Next, we must recognize the bankruptcy of our moral influence on the Germans, and we must make
plans for the earliest possible termination of those actions and policies on our part which have been
psychologically unfortunate. First of all, we must reduce as far as possible our establishment in
Germany; for the residence of large numbers of representatives of a victor nation in a devastated
conquered area is never a helpful factor, particularly when their living standards are as conspicuously
different as are those of Americans in Germany. Secondly, we must terminate as rapidly as possible
those forms of activity (denazification, re-education, and above all the Nuremberg Trials) which tend to
set up as mentors and judges over internal German problems. Thirdly, we must have the courage to
dispense with military government as soon as possible and to force the Germans to accept
responsibility once more for their own affairs.
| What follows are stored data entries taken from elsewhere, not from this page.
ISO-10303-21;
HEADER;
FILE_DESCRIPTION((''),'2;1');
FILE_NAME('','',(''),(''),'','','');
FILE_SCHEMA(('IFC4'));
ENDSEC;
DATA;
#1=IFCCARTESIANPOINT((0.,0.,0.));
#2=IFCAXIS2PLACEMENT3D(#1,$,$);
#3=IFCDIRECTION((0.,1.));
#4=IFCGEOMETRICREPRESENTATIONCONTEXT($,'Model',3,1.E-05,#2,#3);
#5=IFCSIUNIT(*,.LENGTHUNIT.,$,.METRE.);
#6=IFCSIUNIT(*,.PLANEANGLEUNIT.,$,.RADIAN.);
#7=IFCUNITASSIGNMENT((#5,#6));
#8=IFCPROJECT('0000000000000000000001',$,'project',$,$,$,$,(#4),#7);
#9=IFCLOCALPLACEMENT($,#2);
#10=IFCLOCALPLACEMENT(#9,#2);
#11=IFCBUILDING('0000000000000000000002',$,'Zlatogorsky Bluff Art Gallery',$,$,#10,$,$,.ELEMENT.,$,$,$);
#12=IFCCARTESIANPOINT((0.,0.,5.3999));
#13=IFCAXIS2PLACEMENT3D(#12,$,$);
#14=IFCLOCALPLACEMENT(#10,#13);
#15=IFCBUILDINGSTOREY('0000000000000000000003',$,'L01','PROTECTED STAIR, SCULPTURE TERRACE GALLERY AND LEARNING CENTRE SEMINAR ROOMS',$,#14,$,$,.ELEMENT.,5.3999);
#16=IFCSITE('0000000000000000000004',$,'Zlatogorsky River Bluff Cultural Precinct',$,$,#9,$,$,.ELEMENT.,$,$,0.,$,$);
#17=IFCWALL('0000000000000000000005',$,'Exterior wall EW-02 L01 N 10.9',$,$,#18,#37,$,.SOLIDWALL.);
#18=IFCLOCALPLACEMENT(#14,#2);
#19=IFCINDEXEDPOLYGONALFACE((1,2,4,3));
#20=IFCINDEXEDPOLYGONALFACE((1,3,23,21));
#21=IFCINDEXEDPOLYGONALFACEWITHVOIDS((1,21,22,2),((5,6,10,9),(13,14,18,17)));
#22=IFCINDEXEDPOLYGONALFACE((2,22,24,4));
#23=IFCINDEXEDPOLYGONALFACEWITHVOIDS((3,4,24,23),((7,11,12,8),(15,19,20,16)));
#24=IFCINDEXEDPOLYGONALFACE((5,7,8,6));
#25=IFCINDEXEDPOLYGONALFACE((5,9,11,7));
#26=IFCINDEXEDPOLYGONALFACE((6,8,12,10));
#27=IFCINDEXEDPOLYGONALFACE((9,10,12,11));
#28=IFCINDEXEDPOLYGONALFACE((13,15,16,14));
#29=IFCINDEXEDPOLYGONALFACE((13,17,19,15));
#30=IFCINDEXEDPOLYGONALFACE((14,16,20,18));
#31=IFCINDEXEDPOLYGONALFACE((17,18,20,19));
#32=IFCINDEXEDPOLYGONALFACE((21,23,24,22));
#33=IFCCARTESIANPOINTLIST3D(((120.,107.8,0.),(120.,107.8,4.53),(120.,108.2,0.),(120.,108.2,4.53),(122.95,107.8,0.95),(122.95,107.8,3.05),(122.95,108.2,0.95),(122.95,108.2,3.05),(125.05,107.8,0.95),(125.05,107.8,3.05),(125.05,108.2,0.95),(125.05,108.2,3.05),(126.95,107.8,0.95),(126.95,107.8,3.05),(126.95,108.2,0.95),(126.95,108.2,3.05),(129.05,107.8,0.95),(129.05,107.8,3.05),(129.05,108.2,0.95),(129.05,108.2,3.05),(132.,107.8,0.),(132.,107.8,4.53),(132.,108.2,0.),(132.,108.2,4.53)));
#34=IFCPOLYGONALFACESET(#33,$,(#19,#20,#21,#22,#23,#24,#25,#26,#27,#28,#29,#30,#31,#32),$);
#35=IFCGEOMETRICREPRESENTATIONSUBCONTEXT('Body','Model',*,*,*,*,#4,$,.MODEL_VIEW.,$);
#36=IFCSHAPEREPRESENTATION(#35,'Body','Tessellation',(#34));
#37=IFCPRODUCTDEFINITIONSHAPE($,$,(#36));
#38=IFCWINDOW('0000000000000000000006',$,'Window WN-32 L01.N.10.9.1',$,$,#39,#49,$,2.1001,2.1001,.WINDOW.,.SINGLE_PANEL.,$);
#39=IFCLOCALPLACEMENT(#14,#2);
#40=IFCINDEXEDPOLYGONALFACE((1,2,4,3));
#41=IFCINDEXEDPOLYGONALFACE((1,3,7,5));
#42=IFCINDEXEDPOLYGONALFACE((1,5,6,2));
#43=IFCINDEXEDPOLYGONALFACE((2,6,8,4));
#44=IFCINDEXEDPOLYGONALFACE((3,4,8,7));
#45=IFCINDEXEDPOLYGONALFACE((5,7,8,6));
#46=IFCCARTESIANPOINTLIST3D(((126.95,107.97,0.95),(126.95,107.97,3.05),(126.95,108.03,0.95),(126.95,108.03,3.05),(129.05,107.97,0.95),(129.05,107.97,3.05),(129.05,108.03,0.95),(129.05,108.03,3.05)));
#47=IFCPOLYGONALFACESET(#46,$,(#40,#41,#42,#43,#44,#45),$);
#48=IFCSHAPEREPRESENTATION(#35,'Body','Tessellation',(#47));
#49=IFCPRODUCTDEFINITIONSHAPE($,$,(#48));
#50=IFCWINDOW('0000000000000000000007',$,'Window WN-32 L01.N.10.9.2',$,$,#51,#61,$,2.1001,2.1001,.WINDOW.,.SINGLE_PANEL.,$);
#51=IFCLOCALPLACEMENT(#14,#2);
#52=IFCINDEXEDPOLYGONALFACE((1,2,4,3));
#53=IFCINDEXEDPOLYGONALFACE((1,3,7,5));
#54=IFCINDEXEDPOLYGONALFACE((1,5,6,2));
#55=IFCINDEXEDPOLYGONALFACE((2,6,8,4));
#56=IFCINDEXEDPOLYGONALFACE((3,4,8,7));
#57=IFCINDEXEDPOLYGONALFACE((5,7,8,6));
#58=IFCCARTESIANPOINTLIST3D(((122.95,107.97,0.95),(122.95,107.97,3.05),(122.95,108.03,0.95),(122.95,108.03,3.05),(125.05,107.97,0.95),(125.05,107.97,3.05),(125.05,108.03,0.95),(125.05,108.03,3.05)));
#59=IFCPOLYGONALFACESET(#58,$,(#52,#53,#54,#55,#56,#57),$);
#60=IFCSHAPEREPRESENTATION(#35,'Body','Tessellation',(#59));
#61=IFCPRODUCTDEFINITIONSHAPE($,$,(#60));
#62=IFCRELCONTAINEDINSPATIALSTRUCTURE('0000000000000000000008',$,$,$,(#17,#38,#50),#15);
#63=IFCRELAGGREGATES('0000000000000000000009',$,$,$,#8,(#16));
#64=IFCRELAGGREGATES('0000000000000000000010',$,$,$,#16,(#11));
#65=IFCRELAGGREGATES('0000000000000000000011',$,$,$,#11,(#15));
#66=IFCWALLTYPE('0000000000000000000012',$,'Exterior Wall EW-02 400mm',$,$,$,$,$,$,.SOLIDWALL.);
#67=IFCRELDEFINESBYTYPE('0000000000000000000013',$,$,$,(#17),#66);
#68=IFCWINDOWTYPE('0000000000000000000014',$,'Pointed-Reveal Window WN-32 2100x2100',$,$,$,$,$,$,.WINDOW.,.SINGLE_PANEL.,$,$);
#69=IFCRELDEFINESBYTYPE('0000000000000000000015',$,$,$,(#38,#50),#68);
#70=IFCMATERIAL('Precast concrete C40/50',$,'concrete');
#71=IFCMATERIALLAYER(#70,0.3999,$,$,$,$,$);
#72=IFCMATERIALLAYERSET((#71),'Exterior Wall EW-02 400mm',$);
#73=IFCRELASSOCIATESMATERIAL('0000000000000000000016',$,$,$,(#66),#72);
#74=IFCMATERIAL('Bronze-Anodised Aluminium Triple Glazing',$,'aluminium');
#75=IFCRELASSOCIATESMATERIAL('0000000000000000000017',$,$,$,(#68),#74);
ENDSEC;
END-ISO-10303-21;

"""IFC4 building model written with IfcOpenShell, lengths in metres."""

from ifc_helpers import new_model, si_unit, direction, frame, frame_2d, origin, place, context, subcontext, project, spatial, rectangle, extrude, material, layer, layer_set, type_object, element, fill, save


model = new_model("IFC4")

# Units and contexts
model_context = context("Model", 3, precision=1e-05, world=origin(), true_north=direction((0.0, 1.0)))
body_context = subcontext(model_context, "Body", "Model", "MODEL_VIEW")
ifc_project = project(units=[si_unit("LENGTHUNIT", "METRE"), si_unit("PLANEANGLEUNIT", "RADIAN")], contexts=[model_context])

# Site, building, storey
site_placement = place(None, origin())
site = spatial("IfcSite", under=ifc_project, at=site_placement, Name="Zlatogorsky River Bluff Cultural Precinct", CompositionType="ELEMENT", RefElevation=0.0)
building_placement = place(site_placement, origin())
building = spatial("IfcBuilding", under=site, at=building_placement, Name="Zlatogorsky Bluff Art Gallery", CompositionType="ELEMENT")
storey_placement = place(building_placement, frame((0.0, 0.0, 5.3999)))
storey = spatial("IfcBuildingStorey", under=building, at=storey_placement, Name="L01", Description="PROTECTED STAIR, SCULPTURE TERRACE GALLERY AND LEARNING CENTRE SEMINAR ROOMS", CompositionType="ELEMENT", Elevation=5.3999)

# Wall, openings, windows
ifc_material_1 = material(Name="Precast concrete C40/50", Category="concrete")
ifc_layer_1 = layer(ifc_material_1, 0.3999)
ifc_layer_set_1 = layer_set([ifc_layer_1], Name="Exterior Wall EW-02 400mm")
wall_type = type_object("IfcWallType", Name="Exterior Wall EW-02 400mm", PredefinedType="SOLIDWALL", material=ifc_layer_set_1)
wall_placement = place(storey_placement, frame((132.0, 108.0, 0.0), z_axis=(0.0, 0.0, 1.0), x_axis=(-1.0, 0.0, 0.0)))
wall = element("IfcWall", 1, at=wall_placement, inside=storey, type_object=wall_type, Name="Exterior wall EW-02 L01 N 10.9", PredefinedType="SOLIDWALL", context=body_context, shape_type="SweptSolid", body=[
    extrude(rectangle(XDim=12.0, YDim=0.3999, at=frame_2d((6.0, 0.0))), origin(), (0.0, 0.0, 1.0), 4.53),
])
opening_1_placement = place(wall_placement, frame((2.95, 0.0, 0.95)))
opening_1 = element("IfcOpeningElement", 2, at=opening_1_placement, cuts=wall, PredefinedType="OPENING", context=body_context, shape_type="SweptSolid", body=[
    extrude(rectangle(XDim=2.1001, YDim=2.1001, at=frame_2d((1.05, 1.05))), frame((0.0, 0.21, 0.0), z_axis=(0.0, -1.0, 0.0), x_axis=(1.0, 0.0, 0.0)), (0.0, 0.0, 1.0), 0.4199),
])
opening_2_placement = place(wall_placement, frame((6.95, 0.0, 0.95)))
opening_2 = element("IfcOpeningElement", 3, at=opening_2_placement, cuts=wall, PredefinedType="OPENING", context=body_context, shape_type="SweptSolid", body=[
    extrude(rectangle(XDim=2.1001, YDim=2.1001, at=frame_2d((1.05, 1.05))), frame((0.0, 0.21, 0.0), z_axis=(0.0, -1.0, 0.0), x_axis=(1.0, 0.0, 0.0)), (0.0, 0.0, 1.0), 0.4199),
])
ifc_material_2 = material(Name="Bronze-Anodised Aluminium Triple Glazing", Category="aluminium")
window_type = type_object("IfcWindowType", Name="Pointed-Reveal Window WN-32 2100x2100", PartitioningType="SINGLE_PANEL", PredefinedType="WINDOW", material=ifc_material_2)
window_1_placement = place(opening_1_placement, origin())
window_1 = element("IfcWindow", 4, at=window_1_placement, inside=storey, type_object=window_type, Name="Window WN-32 L01.N.10.9.1", OverallHeight=2.1001, OverallWidth=2.1001, PartitioningType="SINGLE_PANEL", PredefinedType="WINDOW", context=body_context, shape_type="SweptSolid", body=[
    extrude(rectangle(XDim=2.1001, YDim=2.1001, at=frame_2d((1.05, 1.05))), frame((0.0, 0.03, 0.0), z_axis=(0.0, -1.0, 0.0), x_axis=(1.0, 0.0, 0.0)), (0.0, 0.0, 1.0), 0.0601),
])
fill(opening_1, window_1)
window_2_placement = place(opening_2_placement, origin())
window_2 = element("IfcWindow", 5, at=window_2_placement, inside=storey, type_object=window_type, Name="Window WN-32 L01.N.10.9.2", OverallHeight=2.1001, OverallWidth=2.1001, PartitioningType="SINGLE_PANEL", PredefinedType="WINDOW", context=body_context, shape_type="SweptSolid", body=[
    extrude(rectangle(XDim=2.1001, YDim=2.1001, at=frame_2d((1.05, 1.05))), frame((0.0, 0.03, 0.0), z_axis=(0.0, -1.0, 0.0), x_axis=(1.0, 0.0, 0.0)), (0.0, 0.0, 1.0), 0.0601),
])
fill(opening_2, window_2)

save(model, "model.ifc")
They will never begin to do this as long as we will
accept that responsibility for them.
The military occupation of western Germany may have to go on for a long time. We may even have to
be prepared to see it become a quasi-permanent feature of the European scene. But military
government is a different thing. Until it is removed, we cannot really make progress in the direction of
a more stable Europe.
Finally, we must do everything possible from now on to coordinate our policy toward Germany with
the views of Germany's immediate western neighbors. This applies particularly to the Benelux
countries, who could probably easily be induced to render valuable collaboration in the implementation
of our own views. It is these neighboring countries who in the long run must live with any solution we
may evolve; and it is absolutely essential to any successful ordering of western Europe that they make
their full contribution and bear their full measure of responsibility. It would be better for us in many
instances to temper our own policies in order to win their support than to try to act unilaterally in
defiance of their feelings.
With these tasks and problems before us it is important that we should do nothing in this intervening
period which would prejudice our later policies. The appropriate offices of the Department of State
should be instructed to bear this in mind in their own work. We should also see to it that it is borne in
mind by our military authorities in the prosecution of their policies in Germany. These considerations
should be observed in any discussions we hold with representatives of other governments. This applies
particularly to the forthcoming discussions with the French and the British.
IV. Mediterranean
As the situation has developed in the past year, the Soviet chances for disrupting the unity of western
Europe and forcing a political entry into that area have been deteriorating in northern Europe, where
the greater political maturity of the peoples is gradually asserting itself, but holding their own, if not
actually increasing, in the south along the shores of the Mediterranean. Here the Russians have as
assets not only the violent chauvinism of their Balkan satellites but also the desperate weakness and
weariness of the Greek and Italian peoples.10 Conditions in Greece and Italy today are peculiarly
favorable to the use of fear as a weapon for political action, and hence to the tactics which are basic and
familiar to the communist movement.
It cannot be too often reiterated that this Government does not possess the weapons which would be
needed to enable it to meet head-on the threat to national independence presented by the communist
elements in foreign countries. This poses an extremely difficult problem as to the measures which our
Government can take to prevent the communists from achieving success in the countries where
resistance is lowest.
The Planning Staff has given more attention to this than to any single problem which has come under
its examination. Its conclusions may be summed up as follows:
(1) The use of U S. regular armed force to oppose the efforts of indigenous communist elements within
foreign countries must generally be considered as a risky and profitless undertaking, apt to do more
harm than good.
(2) If, however, it can be shown that the continuation of communist activities has a tendency to attract
U.S. armed power to the vicinity of the affected areas, and if these areas are ones from which the
Kremlin would definitely wish U.S. power excluded, there is a possibility that this may bring into play
the defensive security interests of the Soviet Union and cause the Russians to exert a restraining
influence on local communist forces.
The Staff has therefore felt that the wisest policy for us to follow would be to make it evident to the
Russians by our actions that the further the communists go in Greece and Italy the more surely will this
Government be forced to extend the deployment of its peacetime military establishment in the
Mediterranean area.
There is no doubt in our minds but thnt if the Russians knew that the establishment of a communist
government in Greece would mean the establishment of U.S. air bases in Libya and Crete, or that a
communist uprising in northern Italy would lead to the renewed occupation by this country of the
Foggia field, a conflict would be produced in the Kremlin councils between the interests of the Third
Internationale, on the one hand, and those of the sheer military security of the Soviet Union, on the
other. In conflicts of this sort, the interests of narrow Soviet nationalism usually win. If they were to
win in this instance, a restraining hand would certainly be placed on the Greek and Italian communists.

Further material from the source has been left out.